Thanks for all of the responses everyone, I live in Ontario, Canada so I am aware of the differences between U.S.A. vs. Canada versions. Yes cleaning down to pavement is important to me, I feel that any machine can do this, it is more a matter of properly adjusting the scraper and skid shoes. The videos were examples I found, I believe the 1st one was a gravel driveway. The snow in my area cab differ, we can get 5cm-30cm of fluff or same amounts only heavy and wet. Reapirs would be made by me unless it was a warranty item. Thanks to Rockproof for the link I read through the whole thing, somehow I doubt the the Ariens was such a POS, my 624 can get through wet stuff no problem, just have to spray the entire housing/impeller area with Fluid Film. Yes I aslo know and am a member on Plowsite, however that site is as the title suggests, more about plowing and has some information on blowers. I do all of my driveways with blowers, like I mentioned the single stage toros are great 80% of the time, I am looking for a machine that will save my arse one day. I guess what I am saying is that my 624 is lacking in shear snow moving ability it simply has too small of auger/impeller combo that simply has too much overflow happening and lacks the traction to bust through repeated snowbanks without strenuous effort., that being said the distance a blower can blow is almost irrelevant to me as most of the driveways in my area are close together and blowing snow on another driveway is a big no no. Rather the ability to throw the snow low to the ground and not very far is more appealing to me, this also keeps the wind from blowing it back. I am partial to Ariens having owned one, but Honda is defiantly on my radar, I'm sure I could get by with a wheeled model but I fell the track is the best fit, especially because I mainly use the single stage and only need the 2-stage for when things get hairy. Another thing to mention is that I am loading and unloading the blower into the back of a truck with ramps, wondering if the track models can lift the housing high enough as to not bottom out on the ramp when loading, my wheeled model is light and is easy to just push down on the handles and drive up. I thank everyone for their valuable input and hope I answered a couple questions on my needs/want/concerns, here is a picture of my blower, thanks.


----------



## ken53

Locallawncare said:


> Thanks for all of the responses everyone, I live in Ontario, Canada so I am aware of the differences between U.S.A. vs.

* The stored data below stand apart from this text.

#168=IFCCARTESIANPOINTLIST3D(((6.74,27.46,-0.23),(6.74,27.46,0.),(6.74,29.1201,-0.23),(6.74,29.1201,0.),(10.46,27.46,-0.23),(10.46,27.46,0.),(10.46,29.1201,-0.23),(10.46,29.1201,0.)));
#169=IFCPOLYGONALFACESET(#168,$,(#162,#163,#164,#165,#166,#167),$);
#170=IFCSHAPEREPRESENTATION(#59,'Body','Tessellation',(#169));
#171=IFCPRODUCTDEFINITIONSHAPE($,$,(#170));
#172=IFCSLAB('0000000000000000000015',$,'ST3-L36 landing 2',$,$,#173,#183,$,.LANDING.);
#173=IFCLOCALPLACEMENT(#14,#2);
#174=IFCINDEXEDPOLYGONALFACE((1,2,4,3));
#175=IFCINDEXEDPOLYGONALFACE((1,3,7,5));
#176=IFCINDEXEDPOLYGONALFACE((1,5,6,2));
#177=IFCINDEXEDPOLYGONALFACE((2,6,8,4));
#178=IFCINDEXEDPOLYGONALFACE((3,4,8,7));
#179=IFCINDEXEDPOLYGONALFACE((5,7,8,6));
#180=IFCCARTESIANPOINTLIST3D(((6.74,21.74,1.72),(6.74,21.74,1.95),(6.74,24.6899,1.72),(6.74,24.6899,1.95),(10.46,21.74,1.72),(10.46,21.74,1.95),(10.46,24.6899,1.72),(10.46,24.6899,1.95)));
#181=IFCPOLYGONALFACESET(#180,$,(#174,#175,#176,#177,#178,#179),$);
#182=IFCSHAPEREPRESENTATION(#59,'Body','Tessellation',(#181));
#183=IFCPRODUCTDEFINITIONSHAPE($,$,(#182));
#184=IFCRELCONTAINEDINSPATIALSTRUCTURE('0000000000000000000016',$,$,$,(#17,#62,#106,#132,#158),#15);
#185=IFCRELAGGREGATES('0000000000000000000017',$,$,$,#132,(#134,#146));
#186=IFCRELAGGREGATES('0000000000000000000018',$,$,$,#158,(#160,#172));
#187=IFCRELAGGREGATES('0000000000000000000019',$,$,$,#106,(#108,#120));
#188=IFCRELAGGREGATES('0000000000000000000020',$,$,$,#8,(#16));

Canada versions. Yes cleaning down to pavement is important to me, I feel that any machine can do this, it is more a matter of properly adjusting the scraper and skid shoes. The videos were examples I found, I believe the 1st one was a gravel driveway. The snow in my area cab differ, we can get 5cm-30cm of fluff or same amounts only heavy and wet. Reapirs would be made by me unless it was a warranty item. Thanks to Rockproof for the link I read through the whole thing, somehow I doubt the the Ariens was such a POS, my 624 can get through wet stuff no problem, just have to spray the entire housing/impeller area with Fluid Film. Yes I aslo know and am a member on Plowsite, however that site is as the title suggests, more about plowing and has some information on blowers. I do all of my driveways with blowers, like I mentioned the single stage toros are great 80% of the time, I am looking for a machine that will save my arse one day. I guess what I am saying is that my 624 is lacking in shear snow moving ability it simply has too small of auger/impeller combo that simply has too much overflow happening and lacks the traction to bust through repeated snowbanks without strenuous effort., that being said the distance a blower can blow is almost irrelevant to me as most of the driveways in my area are close together and blowing snow on another driveway is a big no no. Rather the ability to throw the snow low to the ground and not very far is more appealing to me, this also keeps the wind from blowing it back. I am partial to Ariens having owned one, but Honda is defiantly on my radar, I'm sure I could get by with a wheeled model but I fell the track is the best fit, especially because I mainly use the single stage and only need the 2-stage for when things get hairy. Another thing to mention is that I am loading and unloading the blower into the back of a truck with ramps, wondering if the track models can lift the housing high enough as to not bottom out on the ramp when loading, my wheeled model is light and is easy to just push down on the handles and drive up. I thank everyone for their valuable input and hope I answered a couple questions on my needs/want/concerns, here is a picture of my blower, thanks.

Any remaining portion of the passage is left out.